# Photo of Owen Aboard Kipling 1940-41



## debandjo (Aug 25, 2016)

I am looking for any relatives or friends of Owen who served on the HMS Kipling from 1940-41. I work in a shop in Windsor and some time ago we found a small black and white photograph of a group of 8 young men and on the back is the inscription "Owen aboard Kipling 1940-41". We would like to reunite this photo with its owner but have had no luck in tracing him/her. We tried a local Facebook group (which always works for lost teddies!) and the story was picked up by the local paper too but we had no response at all. I even managed to contact a guy who organises reunions in the hope that someone would recognise a face from the picture but had no luck there either. I can supply a copy of this photo if required. Any suggestions would be gratefully received. Thank you.


----------



## Barrie Youde (May 29, 2006)

It would probably help if you could post a copy of the photograph.

This site is a veritable mine of information and contact.
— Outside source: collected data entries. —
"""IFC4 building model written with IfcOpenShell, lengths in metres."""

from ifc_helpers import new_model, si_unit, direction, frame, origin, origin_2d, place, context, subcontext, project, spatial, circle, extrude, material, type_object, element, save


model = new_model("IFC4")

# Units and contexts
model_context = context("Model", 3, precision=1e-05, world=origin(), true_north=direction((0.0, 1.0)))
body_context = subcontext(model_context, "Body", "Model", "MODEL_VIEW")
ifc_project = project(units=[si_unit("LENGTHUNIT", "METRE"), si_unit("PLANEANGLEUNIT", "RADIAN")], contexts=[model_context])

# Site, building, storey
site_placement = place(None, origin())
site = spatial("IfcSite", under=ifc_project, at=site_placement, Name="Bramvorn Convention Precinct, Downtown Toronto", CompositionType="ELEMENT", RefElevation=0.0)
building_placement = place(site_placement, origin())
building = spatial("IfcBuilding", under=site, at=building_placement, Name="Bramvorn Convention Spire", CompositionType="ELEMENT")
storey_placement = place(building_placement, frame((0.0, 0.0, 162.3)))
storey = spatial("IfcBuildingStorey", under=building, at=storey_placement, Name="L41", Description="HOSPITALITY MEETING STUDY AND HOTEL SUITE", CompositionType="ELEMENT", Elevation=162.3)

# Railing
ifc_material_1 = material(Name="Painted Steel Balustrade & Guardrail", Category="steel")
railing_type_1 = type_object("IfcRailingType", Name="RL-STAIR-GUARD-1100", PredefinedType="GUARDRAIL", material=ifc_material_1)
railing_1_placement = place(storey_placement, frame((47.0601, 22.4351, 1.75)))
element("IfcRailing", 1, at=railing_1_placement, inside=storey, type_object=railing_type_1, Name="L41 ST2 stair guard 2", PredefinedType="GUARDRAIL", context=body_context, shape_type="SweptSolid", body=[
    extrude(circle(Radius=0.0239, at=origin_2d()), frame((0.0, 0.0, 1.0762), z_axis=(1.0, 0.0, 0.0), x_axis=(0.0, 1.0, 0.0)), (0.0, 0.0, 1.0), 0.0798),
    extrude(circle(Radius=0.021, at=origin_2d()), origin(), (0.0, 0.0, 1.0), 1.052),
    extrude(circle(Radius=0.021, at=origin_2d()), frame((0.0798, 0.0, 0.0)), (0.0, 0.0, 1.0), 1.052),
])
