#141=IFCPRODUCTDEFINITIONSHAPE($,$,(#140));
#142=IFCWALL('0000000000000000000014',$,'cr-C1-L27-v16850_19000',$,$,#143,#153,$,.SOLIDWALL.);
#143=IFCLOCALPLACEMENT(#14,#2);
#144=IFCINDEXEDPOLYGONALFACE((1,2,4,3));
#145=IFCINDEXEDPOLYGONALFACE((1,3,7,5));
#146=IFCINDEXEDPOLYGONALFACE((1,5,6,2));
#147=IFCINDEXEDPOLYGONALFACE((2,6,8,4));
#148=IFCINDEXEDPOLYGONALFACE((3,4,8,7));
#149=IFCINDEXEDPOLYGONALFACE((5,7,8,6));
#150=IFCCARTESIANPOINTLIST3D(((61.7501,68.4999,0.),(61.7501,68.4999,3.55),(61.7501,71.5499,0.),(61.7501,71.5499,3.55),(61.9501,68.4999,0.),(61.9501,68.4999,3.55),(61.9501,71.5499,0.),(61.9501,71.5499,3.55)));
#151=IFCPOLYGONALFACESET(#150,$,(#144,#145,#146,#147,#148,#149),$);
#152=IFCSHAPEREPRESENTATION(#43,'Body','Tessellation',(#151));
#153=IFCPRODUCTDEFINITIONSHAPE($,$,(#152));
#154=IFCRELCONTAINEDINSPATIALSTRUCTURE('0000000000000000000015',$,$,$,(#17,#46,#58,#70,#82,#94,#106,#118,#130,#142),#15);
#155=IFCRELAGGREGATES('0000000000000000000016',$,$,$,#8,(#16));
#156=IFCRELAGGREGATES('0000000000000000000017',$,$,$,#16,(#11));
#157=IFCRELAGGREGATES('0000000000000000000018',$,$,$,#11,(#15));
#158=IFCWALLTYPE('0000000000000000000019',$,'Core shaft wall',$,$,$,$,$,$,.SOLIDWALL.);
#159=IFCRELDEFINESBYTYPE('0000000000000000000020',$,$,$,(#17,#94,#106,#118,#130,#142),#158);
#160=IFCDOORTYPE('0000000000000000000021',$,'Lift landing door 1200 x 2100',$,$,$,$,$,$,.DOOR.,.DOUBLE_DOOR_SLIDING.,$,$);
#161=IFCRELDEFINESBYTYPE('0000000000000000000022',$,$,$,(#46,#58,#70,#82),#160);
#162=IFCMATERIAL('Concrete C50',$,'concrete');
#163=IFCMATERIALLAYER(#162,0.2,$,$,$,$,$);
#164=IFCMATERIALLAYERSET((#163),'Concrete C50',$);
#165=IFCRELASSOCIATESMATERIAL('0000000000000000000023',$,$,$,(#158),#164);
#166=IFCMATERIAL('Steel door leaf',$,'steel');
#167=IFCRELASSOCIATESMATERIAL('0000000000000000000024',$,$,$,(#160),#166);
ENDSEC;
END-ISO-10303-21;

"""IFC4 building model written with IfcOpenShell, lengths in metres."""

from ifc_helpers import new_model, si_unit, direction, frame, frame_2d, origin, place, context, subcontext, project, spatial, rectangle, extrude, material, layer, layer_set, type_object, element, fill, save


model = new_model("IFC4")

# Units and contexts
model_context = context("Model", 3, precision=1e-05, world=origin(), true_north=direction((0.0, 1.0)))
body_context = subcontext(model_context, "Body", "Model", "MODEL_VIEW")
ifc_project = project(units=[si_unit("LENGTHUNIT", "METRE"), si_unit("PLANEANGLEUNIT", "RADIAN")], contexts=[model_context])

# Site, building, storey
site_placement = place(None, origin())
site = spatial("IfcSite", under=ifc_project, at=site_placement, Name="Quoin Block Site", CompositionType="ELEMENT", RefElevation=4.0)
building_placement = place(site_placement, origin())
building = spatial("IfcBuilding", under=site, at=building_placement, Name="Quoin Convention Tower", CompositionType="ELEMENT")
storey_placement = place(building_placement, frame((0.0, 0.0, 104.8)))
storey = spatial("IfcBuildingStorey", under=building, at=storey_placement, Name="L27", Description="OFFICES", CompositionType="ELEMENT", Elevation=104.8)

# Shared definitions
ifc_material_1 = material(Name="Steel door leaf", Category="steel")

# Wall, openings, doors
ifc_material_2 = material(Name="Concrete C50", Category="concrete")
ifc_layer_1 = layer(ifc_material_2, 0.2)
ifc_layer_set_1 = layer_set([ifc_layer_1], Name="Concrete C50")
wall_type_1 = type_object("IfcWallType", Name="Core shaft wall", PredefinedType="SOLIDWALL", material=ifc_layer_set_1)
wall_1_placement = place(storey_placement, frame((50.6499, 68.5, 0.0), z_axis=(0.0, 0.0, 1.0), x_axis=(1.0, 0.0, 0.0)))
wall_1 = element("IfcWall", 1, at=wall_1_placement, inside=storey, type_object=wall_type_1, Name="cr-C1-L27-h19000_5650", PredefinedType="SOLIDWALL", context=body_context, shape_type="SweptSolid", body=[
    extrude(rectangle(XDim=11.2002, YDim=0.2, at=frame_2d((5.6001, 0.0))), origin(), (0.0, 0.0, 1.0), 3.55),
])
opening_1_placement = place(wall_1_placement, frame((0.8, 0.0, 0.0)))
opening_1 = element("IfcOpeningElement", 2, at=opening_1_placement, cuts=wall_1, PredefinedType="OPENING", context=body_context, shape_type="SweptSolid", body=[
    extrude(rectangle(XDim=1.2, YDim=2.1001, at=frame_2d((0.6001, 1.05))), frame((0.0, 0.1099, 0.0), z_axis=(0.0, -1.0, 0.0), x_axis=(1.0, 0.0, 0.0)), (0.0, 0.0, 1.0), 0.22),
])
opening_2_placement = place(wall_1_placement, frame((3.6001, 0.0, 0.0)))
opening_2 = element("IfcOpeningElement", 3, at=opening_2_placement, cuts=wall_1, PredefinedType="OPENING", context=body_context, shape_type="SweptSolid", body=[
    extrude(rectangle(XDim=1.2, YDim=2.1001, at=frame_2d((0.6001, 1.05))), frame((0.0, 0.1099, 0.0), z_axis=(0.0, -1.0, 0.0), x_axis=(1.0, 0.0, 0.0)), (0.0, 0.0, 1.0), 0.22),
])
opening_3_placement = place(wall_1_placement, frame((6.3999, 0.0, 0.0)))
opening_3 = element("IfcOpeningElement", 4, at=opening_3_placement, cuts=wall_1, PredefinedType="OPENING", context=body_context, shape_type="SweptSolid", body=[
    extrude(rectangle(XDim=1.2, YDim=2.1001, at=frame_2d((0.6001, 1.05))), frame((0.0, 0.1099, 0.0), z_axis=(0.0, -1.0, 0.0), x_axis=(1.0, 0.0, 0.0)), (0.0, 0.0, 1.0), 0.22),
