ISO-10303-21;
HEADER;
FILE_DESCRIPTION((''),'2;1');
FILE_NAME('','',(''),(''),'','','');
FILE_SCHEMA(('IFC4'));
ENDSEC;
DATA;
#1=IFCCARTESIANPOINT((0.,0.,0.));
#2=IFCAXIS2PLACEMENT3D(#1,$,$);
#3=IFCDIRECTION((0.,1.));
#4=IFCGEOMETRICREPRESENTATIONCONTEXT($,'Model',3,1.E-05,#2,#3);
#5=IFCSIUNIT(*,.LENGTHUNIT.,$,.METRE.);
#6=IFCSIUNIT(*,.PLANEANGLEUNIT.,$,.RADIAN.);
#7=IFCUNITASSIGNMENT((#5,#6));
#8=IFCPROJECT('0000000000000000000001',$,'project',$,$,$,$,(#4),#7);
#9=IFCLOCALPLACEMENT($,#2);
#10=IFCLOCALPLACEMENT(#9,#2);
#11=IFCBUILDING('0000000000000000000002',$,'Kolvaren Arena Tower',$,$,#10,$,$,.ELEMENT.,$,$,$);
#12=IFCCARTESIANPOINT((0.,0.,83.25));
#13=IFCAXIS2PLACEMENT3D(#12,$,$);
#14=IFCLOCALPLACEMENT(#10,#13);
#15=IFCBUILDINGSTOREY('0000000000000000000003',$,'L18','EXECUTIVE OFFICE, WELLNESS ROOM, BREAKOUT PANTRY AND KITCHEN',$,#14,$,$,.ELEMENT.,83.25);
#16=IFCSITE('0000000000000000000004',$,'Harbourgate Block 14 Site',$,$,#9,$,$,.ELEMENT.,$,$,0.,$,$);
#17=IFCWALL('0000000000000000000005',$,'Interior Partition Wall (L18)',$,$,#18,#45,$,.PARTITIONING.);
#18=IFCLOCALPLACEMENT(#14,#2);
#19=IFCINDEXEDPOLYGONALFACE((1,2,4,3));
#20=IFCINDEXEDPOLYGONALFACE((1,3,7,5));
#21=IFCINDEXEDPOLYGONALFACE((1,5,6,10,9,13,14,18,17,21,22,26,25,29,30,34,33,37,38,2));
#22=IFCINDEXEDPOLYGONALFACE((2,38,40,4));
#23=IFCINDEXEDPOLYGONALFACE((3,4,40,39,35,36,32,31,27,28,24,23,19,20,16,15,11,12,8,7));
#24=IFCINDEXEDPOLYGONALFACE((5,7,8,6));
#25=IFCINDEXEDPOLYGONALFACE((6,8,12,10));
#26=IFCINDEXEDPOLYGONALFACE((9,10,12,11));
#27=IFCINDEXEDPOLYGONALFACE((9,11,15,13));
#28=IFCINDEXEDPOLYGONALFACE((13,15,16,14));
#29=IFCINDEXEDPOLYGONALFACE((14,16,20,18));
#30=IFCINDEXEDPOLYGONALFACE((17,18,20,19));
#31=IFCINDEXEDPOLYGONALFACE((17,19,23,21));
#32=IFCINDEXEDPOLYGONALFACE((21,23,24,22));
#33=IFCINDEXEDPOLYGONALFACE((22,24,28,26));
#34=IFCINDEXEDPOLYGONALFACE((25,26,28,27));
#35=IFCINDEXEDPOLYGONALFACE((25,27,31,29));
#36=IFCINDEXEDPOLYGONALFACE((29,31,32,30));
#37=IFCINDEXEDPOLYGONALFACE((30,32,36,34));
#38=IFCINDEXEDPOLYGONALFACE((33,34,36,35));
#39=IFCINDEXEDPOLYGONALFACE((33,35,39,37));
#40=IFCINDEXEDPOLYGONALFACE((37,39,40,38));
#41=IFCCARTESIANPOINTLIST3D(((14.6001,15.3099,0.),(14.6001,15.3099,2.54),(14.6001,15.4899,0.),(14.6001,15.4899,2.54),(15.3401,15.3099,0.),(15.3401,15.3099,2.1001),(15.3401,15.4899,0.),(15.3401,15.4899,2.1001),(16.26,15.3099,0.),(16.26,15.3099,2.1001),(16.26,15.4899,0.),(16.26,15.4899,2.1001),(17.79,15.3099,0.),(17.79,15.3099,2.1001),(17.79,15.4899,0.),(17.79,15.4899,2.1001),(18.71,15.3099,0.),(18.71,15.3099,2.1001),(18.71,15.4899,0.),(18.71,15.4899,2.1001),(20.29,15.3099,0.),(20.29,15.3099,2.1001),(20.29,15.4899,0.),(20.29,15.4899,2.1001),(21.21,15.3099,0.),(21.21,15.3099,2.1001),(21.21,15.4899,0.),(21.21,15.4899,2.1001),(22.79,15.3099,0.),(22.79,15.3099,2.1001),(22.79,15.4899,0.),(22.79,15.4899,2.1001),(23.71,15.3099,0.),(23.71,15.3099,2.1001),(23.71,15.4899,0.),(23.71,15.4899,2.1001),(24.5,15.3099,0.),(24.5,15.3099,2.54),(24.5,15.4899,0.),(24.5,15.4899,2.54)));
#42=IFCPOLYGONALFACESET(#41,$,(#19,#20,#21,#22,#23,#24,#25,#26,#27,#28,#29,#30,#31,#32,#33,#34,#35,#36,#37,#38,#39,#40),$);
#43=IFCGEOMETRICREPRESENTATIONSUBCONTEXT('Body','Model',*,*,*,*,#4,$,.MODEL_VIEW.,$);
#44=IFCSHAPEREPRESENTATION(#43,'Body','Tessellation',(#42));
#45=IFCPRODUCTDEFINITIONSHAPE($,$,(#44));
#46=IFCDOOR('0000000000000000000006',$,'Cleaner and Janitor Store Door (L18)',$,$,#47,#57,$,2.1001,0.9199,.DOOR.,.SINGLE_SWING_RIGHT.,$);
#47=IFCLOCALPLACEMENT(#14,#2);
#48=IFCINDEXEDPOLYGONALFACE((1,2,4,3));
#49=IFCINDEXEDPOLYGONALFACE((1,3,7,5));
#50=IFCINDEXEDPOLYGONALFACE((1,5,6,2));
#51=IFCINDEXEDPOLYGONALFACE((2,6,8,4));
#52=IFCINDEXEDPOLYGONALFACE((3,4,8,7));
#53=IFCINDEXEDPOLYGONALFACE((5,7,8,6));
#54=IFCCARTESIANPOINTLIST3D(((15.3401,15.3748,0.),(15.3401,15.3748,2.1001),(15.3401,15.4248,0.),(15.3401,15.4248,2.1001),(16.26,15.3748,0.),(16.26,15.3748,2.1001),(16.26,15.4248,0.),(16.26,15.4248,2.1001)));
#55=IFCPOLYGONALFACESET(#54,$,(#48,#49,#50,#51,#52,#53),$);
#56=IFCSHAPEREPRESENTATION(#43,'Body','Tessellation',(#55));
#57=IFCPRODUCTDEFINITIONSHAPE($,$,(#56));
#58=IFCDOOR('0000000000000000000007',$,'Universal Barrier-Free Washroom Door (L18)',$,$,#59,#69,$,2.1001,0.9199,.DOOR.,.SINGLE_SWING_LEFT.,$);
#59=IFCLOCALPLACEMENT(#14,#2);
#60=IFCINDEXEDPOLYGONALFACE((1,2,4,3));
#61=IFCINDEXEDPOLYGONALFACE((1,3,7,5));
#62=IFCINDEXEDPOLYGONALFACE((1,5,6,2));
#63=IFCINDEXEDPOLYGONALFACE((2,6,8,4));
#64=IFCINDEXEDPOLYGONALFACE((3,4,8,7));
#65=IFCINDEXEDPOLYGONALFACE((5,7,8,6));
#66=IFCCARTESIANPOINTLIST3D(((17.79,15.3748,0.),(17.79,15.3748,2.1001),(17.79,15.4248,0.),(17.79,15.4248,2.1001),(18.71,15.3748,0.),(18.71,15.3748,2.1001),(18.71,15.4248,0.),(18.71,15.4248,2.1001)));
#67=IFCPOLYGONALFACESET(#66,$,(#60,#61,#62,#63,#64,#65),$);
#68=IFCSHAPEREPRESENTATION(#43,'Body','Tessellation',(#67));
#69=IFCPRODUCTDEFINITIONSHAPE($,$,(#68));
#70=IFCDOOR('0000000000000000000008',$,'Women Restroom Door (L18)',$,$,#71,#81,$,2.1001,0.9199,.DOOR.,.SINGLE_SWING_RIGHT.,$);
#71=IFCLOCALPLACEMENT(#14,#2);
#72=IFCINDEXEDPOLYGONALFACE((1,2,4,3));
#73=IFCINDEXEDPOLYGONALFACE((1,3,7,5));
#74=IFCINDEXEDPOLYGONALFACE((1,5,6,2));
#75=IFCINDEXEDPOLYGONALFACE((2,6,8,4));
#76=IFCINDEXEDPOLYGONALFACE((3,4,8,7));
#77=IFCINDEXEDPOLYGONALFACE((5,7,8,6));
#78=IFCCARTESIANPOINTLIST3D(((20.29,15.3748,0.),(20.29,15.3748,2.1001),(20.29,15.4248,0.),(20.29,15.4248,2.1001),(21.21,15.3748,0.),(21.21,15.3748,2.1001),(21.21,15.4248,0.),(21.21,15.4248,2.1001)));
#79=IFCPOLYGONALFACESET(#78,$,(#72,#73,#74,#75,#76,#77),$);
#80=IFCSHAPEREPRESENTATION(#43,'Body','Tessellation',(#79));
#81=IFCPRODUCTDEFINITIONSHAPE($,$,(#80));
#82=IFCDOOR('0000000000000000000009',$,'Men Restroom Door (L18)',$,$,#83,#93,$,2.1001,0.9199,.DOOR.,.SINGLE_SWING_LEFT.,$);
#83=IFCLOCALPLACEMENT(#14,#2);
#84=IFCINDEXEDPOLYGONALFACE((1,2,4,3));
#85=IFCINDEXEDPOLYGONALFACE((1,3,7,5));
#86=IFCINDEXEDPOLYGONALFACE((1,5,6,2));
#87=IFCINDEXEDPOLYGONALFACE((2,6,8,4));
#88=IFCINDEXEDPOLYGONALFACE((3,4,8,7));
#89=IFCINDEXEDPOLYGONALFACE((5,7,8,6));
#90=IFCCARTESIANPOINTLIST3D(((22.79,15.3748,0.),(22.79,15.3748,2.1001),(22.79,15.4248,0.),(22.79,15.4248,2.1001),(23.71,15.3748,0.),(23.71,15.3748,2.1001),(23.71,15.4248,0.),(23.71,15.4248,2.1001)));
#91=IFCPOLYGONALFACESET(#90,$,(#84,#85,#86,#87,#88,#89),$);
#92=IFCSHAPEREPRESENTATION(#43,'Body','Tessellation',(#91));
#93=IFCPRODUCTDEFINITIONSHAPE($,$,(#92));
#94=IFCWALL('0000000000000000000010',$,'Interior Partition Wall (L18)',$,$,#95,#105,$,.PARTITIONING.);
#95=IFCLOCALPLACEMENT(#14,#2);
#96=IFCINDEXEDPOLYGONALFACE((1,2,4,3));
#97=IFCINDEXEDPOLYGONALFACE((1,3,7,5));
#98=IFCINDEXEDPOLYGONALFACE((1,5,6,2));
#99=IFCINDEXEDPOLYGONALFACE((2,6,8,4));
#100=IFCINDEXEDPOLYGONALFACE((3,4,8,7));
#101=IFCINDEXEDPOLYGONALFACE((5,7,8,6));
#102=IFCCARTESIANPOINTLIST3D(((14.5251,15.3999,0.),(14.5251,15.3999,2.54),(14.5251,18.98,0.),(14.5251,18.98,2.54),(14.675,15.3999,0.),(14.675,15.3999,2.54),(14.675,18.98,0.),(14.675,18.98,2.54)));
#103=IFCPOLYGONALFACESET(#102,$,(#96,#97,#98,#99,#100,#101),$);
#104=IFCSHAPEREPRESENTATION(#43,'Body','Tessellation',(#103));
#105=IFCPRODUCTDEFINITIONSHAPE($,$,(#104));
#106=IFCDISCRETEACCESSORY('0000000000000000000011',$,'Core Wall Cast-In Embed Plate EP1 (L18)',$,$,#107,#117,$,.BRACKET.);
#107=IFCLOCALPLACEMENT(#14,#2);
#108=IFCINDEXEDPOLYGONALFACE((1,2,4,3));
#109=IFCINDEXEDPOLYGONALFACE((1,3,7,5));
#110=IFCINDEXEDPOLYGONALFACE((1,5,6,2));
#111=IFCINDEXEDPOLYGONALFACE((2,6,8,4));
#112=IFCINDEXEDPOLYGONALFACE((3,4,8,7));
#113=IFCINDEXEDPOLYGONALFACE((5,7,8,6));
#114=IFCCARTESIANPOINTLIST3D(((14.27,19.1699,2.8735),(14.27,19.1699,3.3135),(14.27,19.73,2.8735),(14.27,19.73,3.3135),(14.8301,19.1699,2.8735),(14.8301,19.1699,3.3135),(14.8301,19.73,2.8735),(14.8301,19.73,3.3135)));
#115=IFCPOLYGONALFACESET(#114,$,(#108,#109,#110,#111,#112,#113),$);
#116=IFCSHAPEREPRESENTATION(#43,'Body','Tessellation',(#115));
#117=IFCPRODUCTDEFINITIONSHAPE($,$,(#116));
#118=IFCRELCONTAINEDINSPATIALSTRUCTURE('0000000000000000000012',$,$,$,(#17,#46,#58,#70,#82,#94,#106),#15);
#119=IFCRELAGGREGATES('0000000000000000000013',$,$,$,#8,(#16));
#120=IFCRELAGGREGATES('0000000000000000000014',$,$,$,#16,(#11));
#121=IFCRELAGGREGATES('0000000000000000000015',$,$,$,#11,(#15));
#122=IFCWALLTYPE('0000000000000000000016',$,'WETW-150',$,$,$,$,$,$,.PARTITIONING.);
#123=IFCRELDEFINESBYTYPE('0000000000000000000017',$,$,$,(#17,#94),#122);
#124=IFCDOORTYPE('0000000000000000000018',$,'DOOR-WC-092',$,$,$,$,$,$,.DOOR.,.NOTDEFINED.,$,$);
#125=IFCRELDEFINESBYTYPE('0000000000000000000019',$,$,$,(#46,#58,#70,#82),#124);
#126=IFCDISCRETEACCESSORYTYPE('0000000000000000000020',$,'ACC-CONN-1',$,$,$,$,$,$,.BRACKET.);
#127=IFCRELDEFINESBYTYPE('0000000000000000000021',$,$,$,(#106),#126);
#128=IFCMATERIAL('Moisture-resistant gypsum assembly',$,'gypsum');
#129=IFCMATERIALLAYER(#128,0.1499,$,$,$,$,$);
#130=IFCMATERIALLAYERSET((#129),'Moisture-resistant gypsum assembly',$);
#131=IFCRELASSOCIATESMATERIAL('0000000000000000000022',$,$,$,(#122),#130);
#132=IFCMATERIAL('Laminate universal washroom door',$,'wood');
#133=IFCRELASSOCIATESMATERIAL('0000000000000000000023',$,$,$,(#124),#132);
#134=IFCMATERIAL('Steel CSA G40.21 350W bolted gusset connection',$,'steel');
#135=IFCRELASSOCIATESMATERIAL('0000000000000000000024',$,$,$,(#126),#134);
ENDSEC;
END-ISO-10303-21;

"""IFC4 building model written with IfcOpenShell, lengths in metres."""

from ifc_helpers import new_model, si_unit, direction, frame, frame_2d, origin, origin_2d, place, context, subcontext, project, spatial, rectangle, extrude, material, layer, layer_set, type_object, element, fill, save


model = new_model("IFC4")

# Units and contexts
model_context = context("Model", 3, precision=1e-05, world=origin(), true_north=direction((0.0, 1.0)))
body_context = subcontext(model_context, "Body", "Model", "MODEL_VIEW")
ifc_project = project(units=[si_unit("LENGTHUNIT", "METRE"), si_unit("PLANEANGLEUNIT", "RADIAN")], contexts=[model_context])

# Site, building, storey
site_placement = place(None, origin())
site = spatial("IfcSite", under=ifc_project, at=site_placement, Name="Harbourgate Block 14 Site", CompositionType="ELEMENT", RefElevation=0.0)
building_placement = place(site_placement, origin())
building = spatial("IfcBuilding", under=site, at=building_placement, Name="Kolvaren Arena Tower", CompositionType="ELEMENT")
storey_placement = place(building_placement, frame((0.0, 0.0, 83.25)))
storey = spatial("IfcBuildingStorey", under=building, at=storey_placement, Name="L18", Description="EXECUTIVE OFFICE, WELLNESS ROOM, BREAKOUT PANTRY AND KITCHEN", CompositionType="ELEMENT", Elevation=83.25)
Good luck!


----------



## debandjo (Aug 25, 2016)

*Photo*

Hopefully I have attached a copy of the photo to this but I'm not really sure what I'm doing! Fingers crossed but if it doesn't work could somebody give me instructions please? Thanks


----------



## National Enquirer (Feb 11, 2017)

*Kipling photo*

HMS Kipling families have a yearly reunion organised by Mr Phil Brazier and are fortunate enough to have one survivor of sinking of the ship in 1942 attend.My father served on the ship during the period mentioned on the rear of the photo but he does not appear to be one of the chaps in the photo. If you are content I would suggest that you send a photo to Phil (if he is not the reunion chap you have already alluded to who you have already contacted) or I could do so on your behalf.Please let me know





debandjo said:


> I am looking for any relatives or friends of Owen who served on the HMS Kipling from 1940-41. I work in a shop in Windsor and some time ago we found a small black and white photograph of a group of 8 young men and on the back is the inscription "Owen aboard Kipling 1940-41". We would like to reunite this photo with its owner but have had no luck in tracing him/her. We tried a local Facebook group (which always works for lost teddies!) and the story was picked up by the local paper too but we had no response at all. I even managed to contact a guy who organises reunions in the hope that someone would recognise a face from the picture but had no luck there either. I can supply a copy of this photo if required. Any suggestions would be gratefully received. Thank you.


----------



## debandjo (Aug 25, 2016)

*HMS Kipling photo*

Thanks for your reply, it's nice to know that the thread isn't completely dead and that there's still hope of finding the owner of this photo. Unfortunately, I have already sent a copy to Phil Brazier and he's had no luck tracing the identity of any of these men. If you have any further suggestions I would love to hear them as we seem to have run out of ideas. Thanks again.


----------



## National Enquirer (Feb 11, 2017)

So much for that idea then ! I am hoping to go to the Imperial War Museum soon to obtain a range of photos for the deployment of HMS Kipling. I expect that whilst we may be able to link images, it may not prove to be possible to establish an identity. I understand that the crew changeovers may have been fairly rapid, so any reliable crew record may be difficult if not impossible to obtain.




debandjo said:


> Thanks for your reply, it's nice to know that the thread isn't completely dead and that there's still hope of finding the owner of this photo. Unfortunately, I have already sent a copy to Phil Brazier and he's had no luck tracing the identity of any of these men. If you have any further suggestions I would love to hear them as we seem to have run out of ideas. Thanks again.


----------



## debandjo (Aug 25, 2016)

If you do have any luck, or if they have any suggestions, would you mind letting me know please?


----------



## National Enquirer (Feb 11, 2017)

Of course I will let you know if we manage to get any further.



debandjo said:


> If you do have any luck, or if they have any suggestions, would you mind letting me know please?


----------